The archivist stepped forward. In the clear light of day, without a wall and rain and panic and mud to separate them, Simran could see that she was older than Simran by perhaps a decade, and just as brown-skinned, with the look of Elsewhere all over her.

The same Elsewhere as Simran, perhaps, though it was hard to know, when arriving at the Isle tended to blur the edges of memories of before and give the ones that remained a strange, tarnished patina.

“Stay still, miss,” the archivist said. “Let’s be done with this.”

The monocular prism set over the archivist’s eye shifted like clockwork, semitranslucent dials under the faceted surface shifting.

“This is the one.” She sounded satisfied. “It is good to meet you, witch.
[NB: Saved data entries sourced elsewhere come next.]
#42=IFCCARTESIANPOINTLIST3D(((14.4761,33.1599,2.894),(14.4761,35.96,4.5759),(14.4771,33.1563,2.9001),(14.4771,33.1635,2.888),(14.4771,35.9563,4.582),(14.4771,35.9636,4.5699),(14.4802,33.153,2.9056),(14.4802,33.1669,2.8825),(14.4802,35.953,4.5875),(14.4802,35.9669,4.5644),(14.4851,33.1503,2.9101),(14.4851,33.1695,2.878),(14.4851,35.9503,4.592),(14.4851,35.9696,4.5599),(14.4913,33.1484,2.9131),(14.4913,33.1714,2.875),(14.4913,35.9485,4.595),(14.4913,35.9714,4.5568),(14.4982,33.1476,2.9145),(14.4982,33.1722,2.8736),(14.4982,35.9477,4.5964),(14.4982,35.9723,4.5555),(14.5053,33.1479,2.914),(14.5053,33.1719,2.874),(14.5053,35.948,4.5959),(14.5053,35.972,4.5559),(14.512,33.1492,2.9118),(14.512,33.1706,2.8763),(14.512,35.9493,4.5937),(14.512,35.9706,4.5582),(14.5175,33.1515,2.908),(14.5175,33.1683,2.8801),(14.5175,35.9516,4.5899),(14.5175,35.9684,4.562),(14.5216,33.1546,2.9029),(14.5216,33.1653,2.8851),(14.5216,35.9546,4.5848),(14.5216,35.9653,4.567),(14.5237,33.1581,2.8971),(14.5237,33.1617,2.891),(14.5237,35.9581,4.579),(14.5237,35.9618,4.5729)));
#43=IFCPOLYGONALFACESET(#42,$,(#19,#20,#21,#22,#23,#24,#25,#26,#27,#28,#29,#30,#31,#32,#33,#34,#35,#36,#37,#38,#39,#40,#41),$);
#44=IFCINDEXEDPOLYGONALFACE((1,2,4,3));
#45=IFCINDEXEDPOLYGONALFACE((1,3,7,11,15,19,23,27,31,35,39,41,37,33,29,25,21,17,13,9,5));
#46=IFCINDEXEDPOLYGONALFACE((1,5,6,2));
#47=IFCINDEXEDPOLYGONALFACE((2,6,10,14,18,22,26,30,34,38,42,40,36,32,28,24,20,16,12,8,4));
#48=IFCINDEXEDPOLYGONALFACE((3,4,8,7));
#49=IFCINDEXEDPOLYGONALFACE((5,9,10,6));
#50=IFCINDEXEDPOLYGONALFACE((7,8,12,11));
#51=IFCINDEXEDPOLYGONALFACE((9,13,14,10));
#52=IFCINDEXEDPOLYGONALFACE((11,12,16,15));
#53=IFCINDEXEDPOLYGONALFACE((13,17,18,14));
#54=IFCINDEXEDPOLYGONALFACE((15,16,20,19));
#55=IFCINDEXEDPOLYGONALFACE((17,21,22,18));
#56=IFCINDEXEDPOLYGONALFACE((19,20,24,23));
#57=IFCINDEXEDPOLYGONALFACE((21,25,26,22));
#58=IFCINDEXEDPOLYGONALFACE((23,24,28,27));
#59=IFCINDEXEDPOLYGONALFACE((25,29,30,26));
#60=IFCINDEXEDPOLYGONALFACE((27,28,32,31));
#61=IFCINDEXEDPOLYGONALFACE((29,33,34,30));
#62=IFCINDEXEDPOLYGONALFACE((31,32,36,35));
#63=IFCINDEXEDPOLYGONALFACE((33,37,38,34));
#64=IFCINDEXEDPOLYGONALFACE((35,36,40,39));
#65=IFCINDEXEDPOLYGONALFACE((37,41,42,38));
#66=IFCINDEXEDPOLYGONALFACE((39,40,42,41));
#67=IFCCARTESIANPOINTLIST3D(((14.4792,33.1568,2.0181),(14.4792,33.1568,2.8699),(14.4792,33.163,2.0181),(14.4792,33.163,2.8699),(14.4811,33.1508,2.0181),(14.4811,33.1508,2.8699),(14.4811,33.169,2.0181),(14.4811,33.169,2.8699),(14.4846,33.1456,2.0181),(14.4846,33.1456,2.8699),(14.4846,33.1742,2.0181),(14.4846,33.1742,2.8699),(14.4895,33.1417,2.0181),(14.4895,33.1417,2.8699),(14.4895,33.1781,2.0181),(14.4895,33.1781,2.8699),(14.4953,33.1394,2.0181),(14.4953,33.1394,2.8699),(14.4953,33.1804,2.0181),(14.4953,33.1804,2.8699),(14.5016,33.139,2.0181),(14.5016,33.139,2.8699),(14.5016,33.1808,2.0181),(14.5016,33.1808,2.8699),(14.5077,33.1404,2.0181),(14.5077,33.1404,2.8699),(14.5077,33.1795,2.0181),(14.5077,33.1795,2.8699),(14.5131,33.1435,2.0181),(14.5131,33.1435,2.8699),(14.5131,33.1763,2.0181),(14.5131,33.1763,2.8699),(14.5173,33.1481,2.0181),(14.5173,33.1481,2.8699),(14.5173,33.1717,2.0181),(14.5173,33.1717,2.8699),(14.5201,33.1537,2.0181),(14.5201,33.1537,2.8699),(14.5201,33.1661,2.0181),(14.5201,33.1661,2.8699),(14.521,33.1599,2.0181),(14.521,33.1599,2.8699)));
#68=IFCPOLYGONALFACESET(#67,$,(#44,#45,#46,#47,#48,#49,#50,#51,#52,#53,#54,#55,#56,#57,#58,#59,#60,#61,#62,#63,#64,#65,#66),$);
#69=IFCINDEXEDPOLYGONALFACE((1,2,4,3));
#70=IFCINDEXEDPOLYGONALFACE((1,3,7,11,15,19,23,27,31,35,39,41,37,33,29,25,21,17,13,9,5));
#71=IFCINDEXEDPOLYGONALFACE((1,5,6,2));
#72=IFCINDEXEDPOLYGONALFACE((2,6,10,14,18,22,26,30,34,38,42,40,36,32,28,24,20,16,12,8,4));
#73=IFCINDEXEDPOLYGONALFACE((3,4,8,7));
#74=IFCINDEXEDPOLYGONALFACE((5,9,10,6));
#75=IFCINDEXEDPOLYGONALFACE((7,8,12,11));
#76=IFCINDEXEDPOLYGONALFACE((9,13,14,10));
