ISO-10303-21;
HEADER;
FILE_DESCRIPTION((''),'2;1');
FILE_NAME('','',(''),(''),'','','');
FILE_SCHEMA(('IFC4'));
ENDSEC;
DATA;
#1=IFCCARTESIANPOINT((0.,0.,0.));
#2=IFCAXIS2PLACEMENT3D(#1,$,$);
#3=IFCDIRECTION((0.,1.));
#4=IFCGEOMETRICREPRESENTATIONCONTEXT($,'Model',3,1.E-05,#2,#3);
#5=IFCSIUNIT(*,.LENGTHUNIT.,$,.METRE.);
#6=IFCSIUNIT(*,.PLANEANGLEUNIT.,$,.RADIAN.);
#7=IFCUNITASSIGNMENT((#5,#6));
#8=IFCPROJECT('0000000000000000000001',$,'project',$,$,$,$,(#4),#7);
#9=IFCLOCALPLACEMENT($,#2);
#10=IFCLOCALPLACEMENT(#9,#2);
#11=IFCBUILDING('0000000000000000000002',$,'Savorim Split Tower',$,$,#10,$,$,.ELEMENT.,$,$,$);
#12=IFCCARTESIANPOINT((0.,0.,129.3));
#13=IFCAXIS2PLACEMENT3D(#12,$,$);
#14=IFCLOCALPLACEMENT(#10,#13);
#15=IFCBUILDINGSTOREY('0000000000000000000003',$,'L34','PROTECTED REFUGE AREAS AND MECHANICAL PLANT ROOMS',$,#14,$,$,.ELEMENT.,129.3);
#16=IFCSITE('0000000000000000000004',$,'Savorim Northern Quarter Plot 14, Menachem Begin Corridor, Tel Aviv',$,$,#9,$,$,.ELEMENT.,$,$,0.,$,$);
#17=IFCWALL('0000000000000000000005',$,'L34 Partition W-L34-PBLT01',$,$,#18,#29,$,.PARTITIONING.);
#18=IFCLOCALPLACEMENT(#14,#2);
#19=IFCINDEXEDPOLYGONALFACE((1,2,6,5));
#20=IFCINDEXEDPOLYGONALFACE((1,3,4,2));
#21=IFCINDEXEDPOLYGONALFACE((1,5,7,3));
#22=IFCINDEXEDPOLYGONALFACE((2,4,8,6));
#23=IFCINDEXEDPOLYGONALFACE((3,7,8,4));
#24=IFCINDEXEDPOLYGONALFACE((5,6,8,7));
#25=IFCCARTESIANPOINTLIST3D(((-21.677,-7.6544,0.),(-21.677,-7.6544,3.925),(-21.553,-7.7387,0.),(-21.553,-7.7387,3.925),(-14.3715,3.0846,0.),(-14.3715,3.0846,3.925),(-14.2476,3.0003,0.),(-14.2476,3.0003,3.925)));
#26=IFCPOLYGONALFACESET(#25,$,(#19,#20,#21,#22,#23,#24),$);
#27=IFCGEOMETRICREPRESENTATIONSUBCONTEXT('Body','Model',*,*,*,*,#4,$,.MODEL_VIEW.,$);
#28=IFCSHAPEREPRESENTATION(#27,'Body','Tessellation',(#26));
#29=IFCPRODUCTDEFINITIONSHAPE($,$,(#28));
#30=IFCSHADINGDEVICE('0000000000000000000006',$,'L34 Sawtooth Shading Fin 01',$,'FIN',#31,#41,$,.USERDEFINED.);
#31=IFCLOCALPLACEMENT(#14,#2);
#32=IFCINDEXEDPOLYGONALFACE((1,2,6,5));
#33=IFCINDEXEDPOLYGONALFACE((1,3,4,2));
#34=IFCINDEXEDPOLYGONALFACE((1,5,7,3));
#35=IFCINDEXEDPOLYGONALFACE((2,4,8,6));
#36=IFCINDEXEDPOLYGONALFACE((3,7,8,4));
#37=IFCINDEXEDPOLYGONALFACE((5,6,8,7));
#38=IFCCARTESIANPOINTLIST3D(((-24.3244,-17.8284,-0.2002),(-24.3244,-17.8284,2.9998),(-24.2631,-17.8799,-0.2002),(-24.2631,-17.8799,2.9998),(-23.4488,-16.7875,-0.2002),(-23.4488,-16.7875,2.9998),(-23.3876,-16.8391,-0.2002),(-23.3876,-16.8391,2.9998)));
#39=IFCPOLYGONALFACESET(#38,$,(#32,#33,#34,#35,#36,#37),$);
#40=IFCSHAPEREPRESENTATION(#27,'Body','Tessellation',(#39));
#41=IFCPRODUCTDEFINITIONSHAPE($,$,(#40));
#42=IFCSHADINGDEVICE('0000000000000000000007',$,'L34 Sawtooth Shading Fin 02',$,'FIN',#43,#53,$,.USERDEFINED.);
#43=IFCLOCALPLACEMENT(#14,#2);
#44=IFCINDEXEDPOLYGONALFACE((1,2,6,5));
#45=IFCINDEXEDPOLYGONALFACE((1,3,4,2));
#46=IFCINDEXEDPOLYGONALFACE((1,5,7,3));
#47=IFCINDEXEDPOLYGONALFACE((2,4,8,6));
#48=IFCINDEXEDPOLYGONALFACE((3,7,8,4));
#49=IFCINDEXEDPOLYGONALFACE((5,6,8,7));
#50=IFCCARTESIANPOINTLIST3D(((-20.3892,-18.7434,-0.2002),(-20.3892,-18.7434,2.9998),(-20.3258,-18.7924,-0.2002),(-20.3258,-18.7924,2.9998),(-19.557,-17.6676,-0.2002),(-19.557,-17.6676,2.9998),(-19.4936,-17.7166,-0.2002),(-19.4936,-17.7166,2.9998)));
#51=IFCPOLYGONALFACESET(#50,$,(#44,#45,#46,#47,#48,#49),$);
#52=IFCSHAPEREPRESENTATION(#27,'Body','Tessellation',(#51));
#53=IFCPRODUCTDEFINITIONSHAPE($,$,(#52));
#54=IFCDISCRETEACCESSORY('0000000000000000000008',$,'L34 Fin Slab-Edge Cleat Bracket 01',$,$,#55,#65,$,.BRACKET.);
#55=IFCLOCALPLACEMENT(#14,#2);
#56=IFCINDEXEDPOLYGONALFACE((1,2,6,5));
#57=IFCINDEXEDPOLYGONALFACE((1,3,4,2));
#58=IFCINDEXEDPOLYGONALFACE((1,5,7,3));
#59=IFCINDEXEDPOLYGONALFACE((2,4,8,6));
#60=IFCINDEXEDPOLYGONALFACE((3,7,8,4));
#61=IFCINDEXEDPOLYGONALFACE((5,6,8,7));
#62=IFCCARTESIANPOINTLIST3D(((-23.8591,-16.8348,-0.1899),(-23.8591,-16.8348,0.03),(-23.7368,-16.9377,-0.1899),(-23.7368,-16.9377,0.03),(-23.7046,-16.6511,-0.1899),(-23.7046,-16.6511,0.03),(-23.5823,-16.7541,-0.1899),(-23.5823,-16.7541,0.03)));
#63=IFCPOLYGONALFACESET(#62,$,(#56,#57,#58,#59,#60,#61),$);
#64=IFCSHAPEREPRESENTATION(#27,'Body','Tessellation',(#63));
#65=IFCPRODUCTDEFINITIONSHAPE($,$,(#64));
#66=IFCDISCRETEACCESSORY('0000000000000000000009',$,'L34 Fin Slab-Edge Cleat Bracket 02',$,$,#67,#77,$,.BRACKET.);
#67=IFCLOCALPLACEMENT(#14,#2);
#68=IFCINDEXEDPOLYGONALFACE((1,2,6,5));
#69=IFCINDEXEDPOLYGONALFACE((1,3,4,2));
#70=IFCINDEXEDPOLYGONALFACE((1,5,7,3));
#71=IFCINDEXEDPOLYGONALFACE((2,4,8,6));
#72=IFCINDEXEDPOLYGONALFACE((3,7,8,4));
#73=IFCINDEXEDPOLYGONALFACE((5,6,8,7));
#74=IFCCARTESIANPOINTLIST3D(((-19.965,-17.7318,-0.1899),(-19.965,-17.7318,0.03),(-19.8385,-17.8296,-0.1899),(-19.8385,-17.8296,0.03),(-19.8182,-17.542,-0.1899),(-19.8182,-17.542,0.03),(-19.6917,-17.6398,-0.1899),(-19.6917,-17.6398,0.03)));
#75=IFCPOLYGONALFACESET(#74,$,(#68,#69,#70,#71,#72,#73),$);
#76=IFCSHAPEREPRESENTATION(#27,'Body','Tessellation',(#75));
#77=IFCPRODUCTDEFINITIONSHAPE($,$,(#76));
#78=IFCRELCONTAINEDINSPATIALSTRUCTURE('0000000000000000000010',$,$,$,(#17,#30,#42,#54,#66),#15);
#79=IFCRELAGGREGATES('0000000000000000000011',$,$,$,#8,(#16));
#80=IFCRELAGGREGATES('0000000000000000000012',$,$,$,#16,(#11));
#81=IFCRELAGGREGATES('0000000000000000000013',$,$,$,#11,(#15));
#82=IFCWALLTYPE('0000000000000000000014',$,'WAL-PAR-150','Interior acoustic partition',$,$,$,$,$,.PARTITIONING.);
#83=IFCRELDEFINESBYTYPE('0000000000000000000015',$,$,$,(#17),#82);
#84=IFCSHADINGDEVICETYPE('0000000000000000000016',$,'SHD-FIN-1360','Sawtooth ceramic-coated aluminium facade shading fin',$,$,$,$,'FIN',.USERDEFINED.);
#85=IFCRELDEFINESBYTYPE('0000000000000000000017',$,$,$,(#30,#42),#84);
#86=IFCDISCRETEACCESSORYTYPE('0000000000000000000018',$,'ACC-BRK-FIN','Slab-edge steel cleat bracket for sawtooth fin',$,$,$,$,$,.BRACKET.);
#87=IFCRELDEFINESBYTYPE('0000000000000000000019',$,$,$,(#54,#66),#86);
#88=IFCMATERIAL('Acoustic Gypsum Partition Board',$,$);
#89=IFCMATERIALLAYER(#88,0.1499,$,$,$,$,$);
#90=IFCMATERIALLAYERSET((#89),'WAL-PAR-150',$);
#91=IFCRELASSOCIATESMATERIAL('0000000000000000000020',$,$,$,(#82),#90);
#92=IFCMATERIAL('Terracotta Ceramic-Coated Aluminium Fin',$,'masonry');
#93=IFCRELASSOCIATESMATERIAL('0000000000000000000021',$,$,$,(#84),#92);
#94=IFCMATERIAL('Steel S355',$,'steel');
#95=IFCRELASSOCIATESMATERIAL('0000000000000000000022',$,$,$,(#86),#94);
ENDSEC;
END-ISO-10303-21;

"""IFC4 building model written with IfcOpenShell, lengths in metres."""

from ifc_helpers import new_model, si_unit, direction, frame, frame_2d, origin, origin_2d, place, context, subcontext, project, spatial, rectangle, extrude, material, layer, layer_set, type_object, element, save


model = new_model("IFC4")

# Units and contexts
model_context = context("Model", 3, precision=1e-05, world=origin(), true_north=direction((0.0, 1.0)))
body_context = subcontext(model_context, "Body", "Model", "MODEL_VIEW")
ifc_project = project(units=[si_unit("LENGTHUNIT", "METRE"), si_unit("PLANEANGLEUNIT", "RADIAN")], contexts=[model_context])

# Site, building, storey
site_placement = place(None, origin())
site = spatial("IfcSite", under=ifc_project, at=site_placement, Name="Savorim Northern Quarter Plot 14, Menachem Begin Corridor, Tel Aviv", CompositionType="ELEMENT", RefElevation=0.0)
building_placement = place(site_placement, origin())
building = spatial("IfcBuilding", under=site, at=building_placement, Name="Savorim Split Tower", CompositionType="ELEMENT")
storey_placement = place(building_placement, frame((0.0, 0.0, 129.3)))
storey = spatial("IfcBuildingStorey", under=building, at=storey_placement, Name="L34", Description="PROTECTED REFUGE AREAS AND MECHANICAL PLANT ROOMS", CompositionType="ELEMENT", Elevation=129.3)

# Wall
ifc_material_1 = material(Name="Acoustic Gypsum Partition Board")
ifc_layer_1 = layer(ifc_material_1, 0.1499)
ifc_layer_set_1 = layer_set([ifc_layer_1], Name="WAL-PAR-150")
wall_type_1 = type_object("IfcWallType", Name="WAL-PAR-150", Description="Interior acoustic partition", PredefinedType="PARTITIONING", material=ifc_layer_set_1)
wall_1_placement = place(storey_placement, frame((-21.615, -7.6965, 0.0), z_axis=(0.0, 0.0, 1.0), x_axis=(0.562462, 0.826823, 0.0)))
element("IfcWall", 1, at=wall_1_placement, inside=storey, type_object=wall_type_1, Name="L34 Partition W-L34-PBLT01", PredefinedType="PARTITIONING", context=body_context, shape_type="SweptSolid", body=[
    extrude(rectangle(XDim=12.9883, YDim=0.1499, at=frame_2d((6.4941, 0.0))), origin(), (0.0, 0.0, 1.0), 3.925),
])

# Shading devices
ifc_material_2 = material(Name="Terracotta Ceramic-Coated Aluminium Fin", Category="masonry")
shading_device_type = type_object("IfcShadingDeviceType", Name="SHD-FIN-1360", Description="Sawtooth ceramic-coated aluminium facade shading fin", ElementType="FIN", PredefinedType="USERDEFINED", material=ifc_material_2)
for number, where, z_axis, x_axis, name in (
    (2, (-23.856, -17.3337, -0.2002), (0.0, 0.0, 1.0), (-0.643719, -0.765262, 0.0), "L34 Sawtooth Shading Fin 01"),
    (3, (-19.9414, -18.23, -0.2002), (0.0, 0.0, 1.0), (-0.611868, -0.79096, 0.0), "L34 Sawtooth Shading Fin 02"),
):
    element("IfcShadingDevice", number, at=place(storey_placement, frame(where, z_axis=z_axis, x_axis=x_axis)), inside=storey, type_object=shading_device_type, Name=name, ObjectType="FIN", PredefinedType="USERDEFINED", context=body_context, shape_type="SweptSolid", body=[
        extrude(rectangle(XDim=1.3601, YDim=0.0801, at=origin_2d()), origin(), (0.0, 0.0, 1.0), 3.2),
    ])

# Discrete accessories
ifc_material_3 = material(Name="Steel S355", Category="steel")
discrete_accessory_type = type_object("IfcDiscreteAccessoryType", Name="ACC-BRK-FIN", Description="Slab-edge steel cleat bracket for sawtooth fin", PredefinedType="BRACKET", material=ifc_material_3)
for number, where, z_axis, x_axis, name in (
    (4, (-23.7207, -16.7944, -0.1899), (0.0, 0.0, 1.0), (-0.643719, -0.765262, 0.0), "L34 Fin Slab-Edge Cleat Bracket 01"),
    (5, (-19.8284, -17.6858, -0.1899), (0.0, 0.0, 1.0), (-0.611868, -0.79096, 0.0), "L34 Fin Slab-Edge Cleat Bracket 02"),
):
    element("IfcDiscreteAccessory", number, at=place(storey_placement, frame(where, z_axis=z_axis, x_axis=x_axis)), inside=storey, type_object=discrete_accessory_type, Name=name, PredefinedType="BRACKET", context=body_context, shape_type="SweptSolid", body=[
        extrude(rectangle(XDim=0.24, YDim=0.1599, at=origin_2d()), origin(), (0.0, 0.0, 1.0), 0.22),
    ])

save(model, "model.ifc")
We need to take you back to London. You deserve a formal introduction at court.”

“Take me, then,” Simran said. “Do I get handcuffs or a leash? Or, oh—chains, perhaps? How novel.”

“You’re not a prisoner. You’re going to be celebrated.”
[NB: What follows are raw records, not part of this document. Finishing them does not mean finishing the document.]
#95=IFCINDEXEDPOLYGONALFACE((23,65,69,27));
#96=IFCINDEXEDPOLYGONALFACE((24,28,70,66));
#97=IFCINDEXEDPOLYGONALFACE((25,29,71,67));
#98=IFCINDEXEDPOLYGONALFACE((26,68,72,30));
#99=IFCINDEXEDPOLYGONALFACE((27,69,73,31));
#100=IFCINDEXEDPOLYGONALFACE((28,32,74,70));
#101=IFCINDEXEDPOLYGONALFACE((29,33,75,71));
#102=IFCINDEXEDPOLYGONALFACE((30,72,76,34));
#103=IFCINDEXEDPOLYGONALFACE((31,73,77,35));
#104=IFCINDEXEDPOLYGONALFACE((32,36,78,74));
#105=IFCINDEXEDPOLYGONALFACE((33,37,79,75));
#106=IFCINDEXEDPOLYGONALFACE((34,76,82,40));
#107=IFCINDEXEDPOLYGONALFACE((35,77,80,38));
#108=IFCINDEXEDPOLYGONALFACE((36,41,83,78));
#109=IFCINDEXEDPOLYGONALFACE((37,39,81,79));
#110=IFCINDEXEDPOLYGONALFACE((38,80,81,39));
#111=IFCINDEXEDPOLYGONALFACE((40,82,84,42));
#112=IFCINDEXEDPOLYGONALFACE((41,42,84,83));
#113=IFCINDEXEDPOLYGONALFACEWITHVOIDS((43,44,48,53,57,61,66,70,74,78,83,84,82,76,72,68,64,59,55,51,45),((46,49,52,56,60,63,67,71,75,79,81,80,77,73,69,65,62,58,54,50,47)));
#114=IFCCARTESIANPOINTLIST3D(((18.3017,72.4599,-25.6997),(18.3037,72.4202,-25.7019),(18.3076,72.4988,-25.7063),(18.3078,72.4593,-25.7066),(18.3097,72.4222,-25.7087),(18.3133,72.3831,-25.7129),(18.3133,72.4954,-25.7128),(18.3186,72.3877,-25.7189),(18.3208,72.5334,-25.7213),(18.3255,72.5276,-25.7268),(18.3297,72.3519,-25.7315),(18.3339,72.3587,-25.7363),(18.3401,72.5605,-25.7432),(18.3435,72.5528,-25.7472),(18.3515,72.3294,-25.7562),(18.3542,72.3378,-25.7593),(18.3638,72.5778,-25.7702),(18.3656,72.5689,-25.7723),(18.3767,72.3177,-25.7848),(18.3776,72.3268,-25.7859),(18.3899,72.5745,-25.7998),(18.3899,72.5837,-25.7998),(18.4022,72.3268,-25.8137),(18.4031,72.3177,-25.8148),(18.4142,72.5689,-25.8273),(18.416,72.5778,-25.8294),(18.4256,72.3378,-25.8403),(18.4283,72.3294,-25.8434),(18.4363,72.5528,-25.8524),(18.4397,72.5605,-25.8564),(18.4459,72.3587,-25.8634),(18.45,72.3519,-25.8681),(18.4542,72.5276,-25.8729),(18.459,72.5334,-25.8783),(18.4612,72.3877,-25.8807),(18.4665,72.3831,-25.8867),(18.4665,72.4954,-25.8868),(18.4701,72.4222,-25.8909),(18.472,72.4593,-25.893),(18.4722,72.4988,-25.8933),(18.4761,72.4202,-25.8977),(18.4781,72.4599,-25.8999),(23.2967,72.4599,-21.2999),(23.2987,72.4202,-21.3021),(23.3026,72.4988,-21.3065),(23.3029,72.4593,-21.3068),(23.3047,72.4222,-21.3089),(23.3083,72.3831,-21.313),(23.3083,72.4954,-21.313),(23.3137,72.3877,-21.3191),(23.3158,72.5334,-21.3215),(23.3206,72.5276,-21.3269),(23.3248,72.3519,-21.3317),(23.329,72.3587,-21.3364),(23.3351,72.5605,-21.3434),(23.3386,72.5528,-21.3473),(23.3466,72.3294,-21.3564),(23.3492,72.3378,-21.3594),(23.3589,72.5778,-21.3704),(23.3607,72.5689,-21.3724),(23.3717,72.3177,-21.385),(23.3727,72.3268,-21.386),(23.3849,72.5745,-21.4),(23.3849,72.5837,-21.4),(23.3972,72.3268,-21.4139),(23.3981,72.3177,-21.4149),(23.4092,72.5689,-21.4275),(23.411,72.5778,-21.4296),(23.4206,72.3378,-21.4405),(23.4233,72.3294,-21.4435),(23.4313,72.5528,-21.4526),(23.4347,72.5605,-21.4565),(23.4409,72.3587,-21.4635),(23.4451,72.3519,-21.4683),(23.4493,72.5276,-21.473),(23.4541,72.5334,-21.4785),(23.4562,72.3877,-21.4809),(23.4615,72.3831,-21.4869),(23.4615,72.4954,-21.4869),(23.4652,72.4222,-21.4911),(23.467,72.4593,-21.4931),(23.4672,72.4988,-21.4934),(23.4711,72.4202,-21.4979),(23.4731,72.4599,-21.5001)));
“I don’t want to be celebrated,” Simran said. “So am I free to go?”

The archivist’s mouth twisted. “We’ll talk more, miss. For now—come.”

Simran took a step forward. She looked back behind her.

Her blood ran cold.

Her mother was watching from the door, her mouth thin, her eyes unreadable.

She’d heard, but Simran had to believe she hadn’t. She’d heard, but Simran couldn’t allow herself to know it. A hand closed on her forearm.

“C’mon,” a witch hunter said gruffly.

“She can walk on her own,” the knight said mildly, from somewhere ahead of Simran. She was being led away, to wherever Simran was about to be led. Nobody was holding her. She looked calm.

“I’ll write,” Simran called out to her mother. Even though her mother knew well enough that Simran wrote only rarely, and then only the briefest, most meaningless letters. I’m well. Here is some money. Love to you and Papa. “I’ll—I’ll tell you when I’ve found Hari.”

The witch hunter tugged her arm again, and if her mother said something in return, then Simran didn’t hear it.

They dragged her into a sprung, horse-drawn carriage, waiting at the end of the road. The curtains were shut, and the interior dark. The knight was sitting across from Simran, silent and watching her.

The carriage jolted abruptly. And in a breath, they were moving. Heading back to London.